WASHINGTON, D.C., February 16, 2005 6:00 p.m. EST – Peace Corps Director Gaddi H. Vasquez today announced that the volunteers serving in Samoa and Tonga are no longer in danger, as Cyclone Olaf missed the capital of Samoa and is no longer projected to have an impact on Tonga.

"This is wonderful news," stated Director Vasquez. "As always, the Peace Corps staff in country did a thorough job of consolidating their volunteers on short notice in preparation for Cyclone Olaf. I am happy to report today that all is calm and the volunteers will be able to return to their sites soon."

Peace Corps staff in Samoa consolidated their volunteers to two separate locations in the capital city of Apia on Monday, February 14 in anticipation of Cyclone Olaf. Peace Corps staff in Tonga also took precautions and consolidated the small number of volunteers who were serving on the islands that could have potentially been in the path of Cyclone Olaf.

The Peace Corps program in Samoa opened in 1967 and since then over 1,500 have served there. Samoa is located half way between Hawaii and New Zealand in the Pacific Ocean. Volunteers focus mostly on youth and business development, health and HIV/AIDS, agriculture, income-generation, rural development, and education.

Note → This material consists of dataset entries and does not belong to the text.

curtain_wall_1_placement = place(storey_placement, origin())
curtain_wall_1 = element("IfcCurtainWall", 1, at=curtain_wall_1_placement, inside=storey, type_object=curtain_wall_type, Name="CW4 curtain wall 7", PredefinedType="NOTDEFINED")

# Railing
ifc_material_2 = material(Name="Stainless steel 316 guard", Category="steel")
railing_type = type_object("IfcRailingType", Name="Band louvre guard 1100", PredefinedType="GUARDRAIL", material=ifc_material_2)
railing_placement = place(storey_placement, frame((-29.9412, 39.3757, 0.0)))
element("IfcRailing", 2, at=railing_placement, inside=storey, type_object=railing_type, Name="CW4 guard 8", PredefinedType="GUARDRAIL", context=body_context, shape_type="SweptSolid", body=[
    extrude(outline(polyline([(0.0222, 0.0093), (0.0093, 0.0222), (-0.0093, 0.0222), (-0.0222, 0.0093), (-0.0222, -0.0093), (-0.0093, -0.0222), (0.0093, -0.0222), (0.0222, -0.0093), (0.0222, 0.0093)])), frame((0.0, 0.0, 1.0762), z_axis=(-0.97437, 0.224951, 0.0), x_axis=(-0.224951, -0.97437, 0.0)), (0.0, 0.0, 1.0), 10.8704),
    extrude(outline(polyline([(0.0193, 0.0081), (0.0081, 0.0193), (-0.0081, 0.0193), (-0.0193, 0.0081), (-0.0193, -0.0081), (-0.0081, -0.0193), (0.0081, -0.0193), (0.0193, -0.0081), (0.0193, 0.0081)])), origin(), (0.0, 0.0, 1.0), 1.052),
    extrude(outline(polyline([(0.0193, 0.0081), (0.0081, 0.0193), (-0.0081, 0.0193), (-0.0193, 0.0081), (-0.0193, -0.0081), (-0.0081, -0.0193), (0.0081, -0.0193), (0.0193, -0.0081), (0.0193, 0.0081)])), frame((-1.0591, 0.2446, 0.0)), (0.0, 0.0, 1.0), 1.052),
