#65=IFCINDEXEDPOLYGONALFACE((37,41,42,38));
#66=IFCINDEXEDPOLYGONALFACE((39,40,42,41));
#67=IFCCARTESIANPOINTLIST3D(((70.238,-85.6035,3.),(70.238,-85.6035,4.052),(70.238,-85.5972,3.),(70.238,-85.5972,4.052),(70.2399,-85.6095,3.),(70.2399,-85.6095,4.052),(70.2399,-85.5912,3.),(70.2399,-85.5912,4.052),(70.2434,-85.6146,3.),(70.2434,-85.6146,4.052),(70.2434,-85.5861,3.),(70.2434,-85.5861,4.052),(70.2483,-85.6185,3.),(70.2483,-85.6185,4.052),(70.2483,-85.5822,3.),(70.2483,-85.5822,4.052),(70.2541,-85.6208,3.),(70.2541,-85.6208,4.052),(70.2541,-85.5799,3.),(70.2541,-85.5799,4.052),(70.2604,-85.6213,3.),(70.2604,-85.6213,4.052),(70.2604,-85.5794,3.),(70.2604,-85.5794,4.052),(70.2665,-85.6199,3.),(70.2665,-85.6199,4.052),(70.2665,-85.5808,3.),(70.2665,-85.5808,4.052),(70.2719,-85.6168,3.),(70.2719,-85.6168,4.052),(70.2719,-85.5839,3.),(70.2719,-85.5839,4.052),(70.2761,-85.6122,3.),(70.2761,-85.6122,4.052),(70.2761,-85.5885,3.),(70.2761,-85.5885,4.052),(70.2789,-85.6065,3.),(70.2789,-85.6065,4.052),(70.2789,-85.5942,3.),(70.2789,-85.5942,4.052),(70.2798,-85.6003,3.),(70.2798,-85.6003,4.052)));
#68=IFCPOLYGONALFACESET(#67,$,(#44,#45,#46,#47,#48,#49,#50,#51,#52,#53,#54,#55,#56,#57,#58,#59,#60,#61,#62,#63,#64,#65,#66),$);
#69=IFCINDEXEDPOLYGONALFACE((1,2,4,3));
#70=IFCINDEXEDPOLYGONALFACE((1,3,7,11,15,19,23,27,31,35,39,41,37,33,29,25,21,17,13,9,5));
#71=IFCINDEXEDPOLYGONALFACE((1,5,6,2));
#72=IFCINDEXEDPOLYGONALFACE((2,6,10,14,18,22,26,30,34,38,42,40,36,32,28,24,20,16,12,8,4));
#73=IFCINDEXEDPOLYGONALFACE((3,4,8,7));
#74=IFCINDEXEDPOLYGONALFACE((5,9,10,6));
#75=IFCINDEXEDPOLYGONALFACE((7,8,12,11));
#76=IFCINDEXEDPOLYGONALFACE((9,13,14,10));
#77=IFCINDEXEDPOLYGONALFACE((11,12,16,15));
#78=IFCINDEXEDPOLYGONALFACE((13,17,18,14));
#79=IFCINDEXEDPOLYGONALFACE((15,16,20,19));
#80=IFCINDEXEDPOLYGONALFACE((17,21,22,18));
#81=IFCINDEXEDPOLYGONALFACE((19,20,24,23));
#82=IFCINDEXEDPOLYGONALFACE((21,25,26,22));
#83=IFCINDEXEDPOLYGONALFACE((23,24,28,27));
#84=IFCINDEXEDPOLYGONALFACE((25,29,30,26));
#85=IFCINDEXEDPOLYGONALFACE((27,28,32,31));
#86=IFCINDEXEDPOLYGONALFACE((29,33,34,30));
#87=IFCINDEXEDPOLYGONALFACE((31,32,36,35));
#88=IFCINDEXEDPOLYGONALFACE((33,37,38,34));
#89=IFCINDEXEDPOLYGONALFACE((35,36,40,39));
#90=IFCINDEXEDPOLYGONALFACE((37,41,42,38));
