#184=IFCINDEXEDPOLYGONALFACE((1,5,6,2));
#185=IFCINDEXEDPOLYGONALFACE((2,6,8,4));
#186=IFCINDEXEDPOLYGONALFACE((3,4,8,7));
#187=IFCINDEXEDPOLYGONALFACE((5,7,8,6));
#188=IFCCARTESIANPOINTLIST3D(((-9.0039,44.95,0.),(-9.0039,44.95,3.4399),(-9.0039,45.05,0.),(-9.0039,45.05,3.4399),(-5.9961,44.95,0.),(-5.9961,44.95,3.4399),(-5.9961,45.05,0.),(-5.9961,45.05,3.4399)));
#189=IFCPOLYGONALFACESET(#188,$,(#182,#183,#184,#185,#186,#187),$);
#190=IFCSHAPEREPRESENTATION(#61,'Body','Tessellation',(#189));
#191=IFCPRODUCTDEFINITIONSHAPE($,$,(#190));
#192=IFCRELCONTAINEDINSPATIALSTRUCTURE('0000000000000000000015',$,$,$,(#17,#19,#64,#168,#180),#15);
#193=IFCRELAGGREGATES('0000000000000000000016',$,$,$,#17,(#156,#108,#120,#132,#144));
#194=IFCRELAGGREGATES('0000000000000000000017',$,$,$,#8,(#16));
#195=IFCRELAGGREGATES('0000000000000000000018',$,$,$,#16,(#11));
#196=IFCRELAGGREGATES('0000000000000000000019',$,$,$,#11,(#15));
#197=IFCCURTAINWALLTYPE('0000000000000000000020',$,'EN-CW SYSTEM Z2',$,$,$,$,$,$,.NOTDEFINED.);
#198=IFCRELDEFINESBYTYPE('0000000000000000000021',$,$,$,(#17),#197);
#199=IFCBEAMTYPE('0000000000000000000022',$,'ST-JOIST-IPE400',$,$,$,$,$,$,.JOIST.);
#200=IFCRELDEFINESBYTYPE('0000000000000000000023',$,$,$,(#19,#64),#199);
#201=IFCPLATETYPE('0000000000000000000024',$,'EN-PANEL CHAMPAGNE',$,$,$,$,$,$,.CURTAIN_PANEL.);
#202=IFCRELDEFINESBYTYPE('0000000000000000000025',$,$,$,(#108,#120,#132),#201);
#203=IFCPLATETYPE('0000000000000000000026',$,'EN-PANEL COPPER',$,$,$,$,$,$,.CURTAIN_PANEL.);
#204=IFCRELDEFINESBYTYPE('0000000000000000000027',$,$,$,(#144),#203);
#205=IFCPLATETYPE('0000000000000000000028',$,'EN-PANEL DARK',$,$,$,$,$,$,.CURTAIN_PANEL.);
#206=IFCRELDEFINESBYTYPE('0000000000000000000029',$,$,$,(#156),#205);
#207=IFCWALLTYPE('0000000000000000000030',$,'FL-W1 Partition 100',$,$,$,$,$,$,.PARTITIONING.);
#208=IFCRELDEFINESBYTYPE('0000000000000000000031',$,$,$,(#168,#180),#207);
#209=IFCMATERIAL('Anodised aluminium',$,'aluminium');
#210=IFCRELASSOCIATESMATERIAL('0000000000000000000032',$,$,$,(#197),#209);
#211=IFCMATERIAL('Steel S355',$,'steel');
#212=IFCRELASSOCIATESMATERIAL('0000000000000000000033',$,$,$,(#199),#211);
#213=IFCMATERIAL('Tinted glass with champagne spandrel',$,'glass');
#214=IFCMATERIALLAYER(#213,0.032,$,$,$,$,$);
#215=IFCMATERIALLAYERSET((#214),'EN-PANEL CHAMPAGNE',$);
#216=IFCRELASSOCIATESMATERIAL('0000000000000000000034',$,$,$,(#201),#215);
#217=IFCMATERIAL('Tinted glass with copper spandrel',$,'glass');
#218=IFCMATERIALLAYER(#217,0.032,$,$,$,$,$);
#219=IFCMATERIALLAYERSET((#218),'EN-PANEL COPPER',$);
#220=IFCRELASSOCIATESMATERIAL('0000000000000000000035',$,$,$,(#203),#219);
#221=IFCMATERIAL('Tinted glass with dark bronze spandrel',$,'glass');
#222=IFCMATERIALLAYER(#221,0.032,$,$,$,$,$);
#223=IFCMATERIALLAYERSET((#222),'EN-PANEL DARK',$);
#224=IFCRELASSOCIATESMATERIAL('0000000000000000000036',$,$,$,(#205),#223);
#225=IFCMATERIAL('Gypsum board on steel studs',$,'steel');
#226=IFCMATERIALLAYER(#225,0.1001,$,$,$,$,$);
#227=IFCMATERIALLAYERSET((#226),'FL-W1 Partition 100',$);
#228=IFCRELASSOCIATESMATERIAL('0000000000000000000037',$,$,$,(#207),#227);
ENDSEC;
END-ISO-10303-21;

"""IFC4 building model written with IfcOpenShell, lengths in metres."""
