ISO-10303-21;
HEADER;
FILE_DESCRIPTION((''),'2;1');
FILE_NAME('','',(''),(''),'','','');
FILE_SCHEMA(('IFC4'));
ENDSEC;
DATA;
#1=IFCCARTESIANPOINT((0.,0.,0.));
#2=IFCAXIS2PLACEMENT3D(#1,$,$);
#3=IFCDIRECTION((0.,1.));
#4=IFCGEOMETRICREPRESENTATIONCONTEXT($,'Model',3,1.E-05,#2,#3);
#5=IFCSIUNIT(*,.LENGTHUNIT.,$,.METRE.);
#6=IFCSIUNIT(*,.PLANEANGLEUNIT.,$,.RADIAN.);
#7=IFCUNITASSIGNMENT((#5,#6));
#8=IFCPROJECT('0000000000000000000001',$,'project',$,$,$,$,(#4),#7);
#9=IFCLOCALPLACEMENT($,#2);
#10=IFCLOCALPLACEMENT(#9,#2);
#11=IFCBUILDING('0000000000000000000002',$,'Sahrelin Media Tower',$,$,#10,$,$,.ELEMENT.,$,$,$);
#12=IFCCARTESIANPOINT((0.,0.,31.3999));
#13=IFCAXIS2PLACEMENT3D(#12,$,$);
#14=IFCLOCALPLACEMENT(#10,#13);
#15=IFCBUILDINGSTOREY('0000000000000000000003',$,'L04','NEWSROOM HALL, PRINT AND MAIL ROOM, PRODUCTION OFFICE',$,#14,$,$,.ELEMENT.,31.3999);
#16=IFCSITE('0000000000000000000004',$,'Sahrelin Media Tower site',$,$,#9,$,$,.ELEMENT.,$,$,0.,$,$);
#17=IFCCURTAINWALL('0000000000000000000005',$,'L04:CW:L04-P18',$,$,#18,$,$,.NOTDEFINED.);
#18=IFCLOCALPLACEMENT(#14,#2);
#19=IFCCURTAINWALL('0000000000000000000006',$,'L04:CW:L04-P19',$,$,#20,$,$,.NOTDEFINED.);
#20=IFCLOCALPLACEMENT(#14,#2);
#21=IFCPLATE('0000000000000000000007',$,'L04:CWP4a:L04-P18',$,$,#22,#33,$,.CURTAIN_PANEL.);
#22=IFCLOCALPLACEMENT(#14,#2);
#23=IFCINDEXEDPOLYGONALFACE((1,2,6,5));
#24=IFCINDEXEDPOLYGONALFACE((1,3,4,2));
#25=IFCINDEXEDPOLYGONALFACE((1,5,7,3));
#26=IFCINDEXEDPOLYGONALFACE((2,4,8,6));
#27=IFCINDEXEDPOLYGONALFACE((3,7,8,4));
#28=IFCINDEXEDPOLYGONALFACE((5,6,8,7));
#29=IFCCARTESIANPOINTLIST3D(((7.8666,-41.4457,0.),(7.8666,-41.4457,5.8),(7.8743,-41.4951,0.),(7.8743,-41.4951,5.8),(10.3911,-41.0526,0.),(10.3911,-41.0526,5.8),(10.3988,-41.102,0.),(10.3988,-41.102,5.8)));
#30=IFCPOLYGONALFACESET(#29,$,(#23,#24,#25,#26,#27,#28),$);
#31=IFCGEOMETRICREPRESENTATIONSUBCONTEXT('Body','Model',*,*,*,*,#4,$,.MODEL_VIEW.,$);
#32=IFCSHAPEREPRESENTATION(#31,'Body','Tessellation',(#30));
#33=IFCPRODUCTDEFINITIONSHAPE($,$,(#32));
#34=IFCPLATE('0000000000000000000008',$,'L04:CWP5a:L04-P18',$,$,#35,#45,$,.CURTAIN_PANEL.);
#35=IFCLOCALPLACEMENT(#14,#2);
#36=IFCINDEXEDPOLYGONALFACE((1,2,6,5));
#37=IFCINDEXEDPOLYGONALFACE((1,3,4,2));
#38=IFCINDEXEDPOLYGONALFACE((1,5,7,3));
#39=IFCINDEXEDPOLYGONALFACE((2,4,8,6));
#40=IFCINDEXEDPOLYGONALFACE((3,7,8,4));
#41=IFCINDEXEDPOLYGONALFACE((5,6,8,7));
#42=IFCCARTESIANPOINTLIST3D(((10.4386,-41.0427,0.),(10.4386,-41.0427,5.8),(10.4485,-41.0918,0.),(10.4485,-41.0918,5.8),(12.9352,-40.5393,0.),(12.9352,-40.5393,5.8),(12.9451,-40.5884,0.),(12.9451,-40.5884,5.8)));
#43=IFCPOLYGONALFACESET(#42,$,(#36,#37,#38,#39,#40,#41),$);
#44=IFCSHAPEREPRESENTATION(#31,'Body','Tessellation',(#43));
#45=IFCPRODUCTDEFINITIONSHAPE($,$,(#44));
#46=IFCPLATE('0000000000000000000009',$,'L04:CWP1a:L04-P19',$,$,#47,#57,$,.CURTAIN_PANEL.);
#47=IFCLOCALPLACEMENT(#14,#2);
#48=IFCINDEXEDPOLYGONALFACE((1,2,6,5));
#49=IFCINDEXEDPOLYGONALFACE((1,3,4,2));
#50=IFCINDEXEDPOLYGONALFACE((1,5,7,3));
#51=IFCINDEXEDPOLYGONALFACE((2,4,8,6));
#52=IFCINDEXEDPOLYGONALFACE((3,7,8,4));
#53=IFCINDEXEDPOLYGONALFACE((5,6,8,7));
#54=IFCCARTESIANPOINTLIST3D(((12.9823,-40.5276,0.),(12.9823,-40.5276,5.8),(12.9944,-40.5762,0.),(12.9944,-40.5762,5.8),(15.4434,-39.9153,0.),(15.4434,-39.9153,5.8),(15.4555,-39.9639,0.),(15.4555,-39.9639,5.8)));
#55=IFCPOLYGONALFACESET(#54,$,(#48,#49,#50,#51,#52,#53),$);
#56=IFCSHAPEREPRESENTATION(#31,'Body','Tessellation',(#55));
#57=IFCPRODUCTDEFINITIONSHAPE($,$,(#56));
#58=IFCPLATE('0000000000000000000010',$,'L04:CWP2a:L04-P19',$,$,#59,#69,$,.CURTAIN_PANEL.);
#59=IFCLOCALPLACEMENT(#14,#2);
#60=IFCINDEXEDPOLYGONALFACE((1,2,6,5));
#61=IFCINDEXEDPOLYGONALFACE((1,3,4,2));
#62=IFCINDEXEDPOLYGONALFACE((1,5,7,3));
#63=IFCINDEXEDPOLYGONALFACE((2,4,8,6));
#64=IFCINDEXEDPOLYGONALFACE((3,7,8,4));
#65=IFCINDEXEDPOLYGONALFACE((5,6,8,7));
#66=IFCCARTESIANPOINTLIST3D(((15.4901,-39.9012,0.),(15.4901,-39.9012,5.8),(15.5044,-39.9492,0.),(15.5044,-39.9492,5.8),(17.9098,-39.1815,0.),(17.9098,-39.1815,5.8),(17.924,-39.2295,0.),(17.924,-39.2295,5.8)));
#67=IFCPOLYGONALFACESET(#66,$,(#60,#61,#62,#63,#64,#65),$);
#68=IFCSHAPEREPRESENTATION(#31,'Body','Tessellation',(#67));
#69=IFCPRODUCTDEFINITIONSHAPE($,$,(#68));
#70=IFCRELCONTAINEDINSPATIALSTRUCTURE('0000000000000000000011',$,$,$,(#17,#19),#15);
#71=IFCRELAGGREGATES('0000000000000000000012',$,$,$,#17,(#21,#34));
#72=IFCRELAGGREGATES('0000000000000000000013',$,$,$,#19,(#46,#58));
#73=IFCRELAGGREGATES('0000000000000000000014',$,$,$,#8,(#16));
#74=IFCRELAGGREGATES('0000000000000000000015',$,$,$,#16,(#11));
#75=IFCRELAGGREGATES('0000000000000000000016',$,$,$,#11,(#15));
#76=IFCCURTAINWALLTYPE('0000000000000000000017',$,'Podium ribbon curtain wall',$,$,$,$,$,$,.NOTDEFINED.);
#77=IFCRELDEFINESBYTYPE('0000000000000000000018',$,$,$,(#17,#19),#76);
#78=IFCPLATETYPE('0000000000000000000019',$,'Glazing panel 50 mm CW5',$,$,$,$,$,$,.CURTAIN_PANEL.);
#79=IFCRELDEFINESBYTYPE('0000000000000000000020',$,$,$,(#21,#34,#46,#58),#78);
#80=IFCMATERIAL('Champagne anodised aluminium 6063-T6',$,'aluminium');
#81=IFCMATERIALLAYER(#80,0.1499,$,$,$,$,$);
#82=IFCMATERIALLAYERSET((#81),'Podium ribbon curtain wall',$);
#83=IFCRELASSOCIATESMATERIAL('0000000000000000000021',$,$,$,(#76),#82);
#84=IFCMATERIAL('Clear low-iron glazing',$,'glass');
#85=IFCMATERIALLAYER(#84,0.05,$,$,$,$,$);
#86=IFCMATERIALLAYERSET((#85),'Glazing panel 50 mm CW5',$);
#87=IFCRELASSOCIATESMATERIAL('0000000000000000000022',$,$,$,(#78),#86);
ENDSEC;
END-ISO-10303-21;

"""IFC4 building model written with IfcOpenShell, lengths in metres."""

from ifc_helpers import new_model, si_unit, direction, frame, origin, place, context, subcontext, project, spatial, polyline, outline, extrude, material, layer, layer_set, type_object, element, aggregate, save


model = new_model("IFC4")

# Units and contexts
model_context = context("Model", 3, precision=1e-05, world=origin(), true_north=direction((0.0, 1.0)))
body_context = subcontext(model_context, "Body", "Model", "MODEL_VIEW")
ifc_project = project(units=[si_unit("LENGTHUNIT", "METRE"), si_unit("PLANEANGLEUNIT", "RADIAN")], contexts=[model_context])

# Site, building, storey
site_placement = place(None, origin())
site = spatial("IfcSite", under=ifc_project, at=site_placement, Name="Sahrelin Media Tower site", CompositionType="ELEMENT", RefElevation=0.0)
building_placement = place(site_placement, origin())
building = spatial("IfcBuilding", under=site, at=building_placement, Name="Sahrelin Media Tower", CompositionType="ELEMENT")
storey_placement = place(building_placement, frame((0.0, 0.0, 31.3999)))
storey = spatial("IfcBuildingStorey", under=building, at=storey_placement, Name="L04", Description="NEWSROOM HALL, PRINT AND MAIL ROOM, PRODUCTION OFFICE", CompositionType="ELEMENT", Elevation=31.3999)

# Curtain walls
ifc_material_1 = material(Name="Champagne anodised aluminium 6063-T6", Category="aluminium")
ifc_layer_1 = layer(ifc_material_1, 0.1499)
ifc_layer_set_1 = layer_set([ifc_layer_1], Name="Podium ribbon curtain wall")
curtain_wall_type = type_object("IfcCurtainWallType", Name="Podium ribbon curtain wall", PredefinedType="NOTDEFINED", material=ifc_layer_set_1)
curtain_wall_1_placement = place(storey_placement, frame((0.0, -42.0, 0.0), z_axis=(0.0, 0.0, 1.0), x_axis=(1.0, 0.0, 0.0)))
curtain_wall_1 = element("IfcCurtainWall", 1, at=curtain_wall_1_placement, inside=storey, type_object=curtain_wall_type, Name="L04:CW:L04-P18", PredefinedType="NOTDEFINED")
curtain_wall_2_placement = place(storey_placement, frame((12.9409, -40.5688, 0.0), z_axis=(0.0, 0.0, 1.0), x_axis=(1.0, 0.0, 0.0)))
curtain_wall_2 = element("IfcCurtainWall", 2, at=curtain_wall_2_placement, inside=storey, type_object=curtain_wall_type, Name="L04:CW:L04-P19", PredefinedType="NOTDEFINED")

# Plates
ifc_material_2 = material(Name="Clear low-iron glazing", Category="glass")
ifc_layer_2 = layer(ifc_material_2, 0.05)
ifc_layer_set_2 = layer_set([ifc_layer_2], Name="Glazing panel 50 mm CW5")
plate_type = type_object("IfcPlateType", Name="Glazing panel 50 mm CW5", PredefinedType="CURTAIN_PANEL", material=ifc_layer_set_2)
plate_1_placement = place(storey_placement, frame((7.8743, -41.4951, 0.0), z_axis=(0.153852, -0.988094, 0.0), x_axis=(0.988094, 0.153852, 0.0)))
plate_1 = element("IfcPlate", 3, at=plate_1_placement, type_object=plate_type, Name="L04:CWP4a:L04-P18", PredefinedType="CURTAIN_PANEL", context=body_context, shape_type="SweptSolid", body=[
    extrude(outline(polyline([(0.0, 0.0), (2.5549, 0.0), (2.5549, 5.8), (0.0, 5.8), (0.0, 0.0)])), origin(), (0.0, 0.0, -1.0), 0.05),
])
plate_2_placement = place(storey_placement, frame((10.4485, -41.0918, 0.0), z_axis=(0.197664, -0.98027, 0.0), x_axis=(0.98027, 0.197664, 0.0)))
plate_2 = element("IfcPlate", 4, at=plate_2_placement, type_object=plate_type, Name="L04:CWP5a:L04-P18", PredefinedType="CURTAIN_PANEL", context=body_context, shape_type="SweptSolid", body=[
    extrude(outline(polyline([(0.0, 0.0), (2.5469, 0.0), (2.5469, 5.8), (0.0, 5.8), (0.0, 0.0)])), origin(), (0.0, 0.0, -1.0), 0.05),
])
aggregate(curtain_wall_1, [plate_1, plate_2])
plate_3_placement = place(storey_placement, frame((12.9944, -40.5762, 0.0), z_axis=(0.241426, -0.970419, 0.0), x_axis=(0.970419, 0.241426, 0.0)))
plate_3 = element("IfcPlate", 5, at=plate_3_placement, type_object=plate_type, Name="L04:CWP1a:L04-P19", PredefinedType="CURTAIN_PANEL", context=body_context, shape_type="SweptSolid", body=[
    extrude(outline(polyline([(0.0, 0.0), (2.5361, 0.0), (2.5361, 5.8), (0.0, 5.8), (0.0, 0.0)])), origin(), (0.0, 0.0, -1.0), 0.05),
])
plate_4_placement = place(storey_placement, frame((15.5044, -39.9492, 0.0), z_axis=(0.285102, -0.958497, 0.0), x_axis=(0.958497, 0.285102, 0.0)))
plate_4 = element("IfcPlate", 6, at=plate_4_placement, type_object=plate_type, Name="L04:CWP2a:L04-P19", PredefinedType="CURTAIN_PANEL", context=body_context, shape_type="SweptSolid", body=[
    extrude(outline(polyline([(0.0, 0.0), (2.5244, 0.0), (2.5244, 5.8), (0.0, 5.8), (0.0, 0.0)])), origin(), (0.0, 0.0, -1.0), 0.05),
])
aggregate(curtain_wall_2, [plate_3, plate_4])

save(model, "model.ifc")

The Peace Corps has sent over 1,400 volunteers to Tonga since the commencement of its program there in 1967. The volunteers work in the areas of youth and business development, education, environmental preservation, information technology and health and HIV/AIDS. Tonga is located in the Pacific Ocean and is the first country in the world to welcome each new day. The country is ruled by a constitutional monarchy.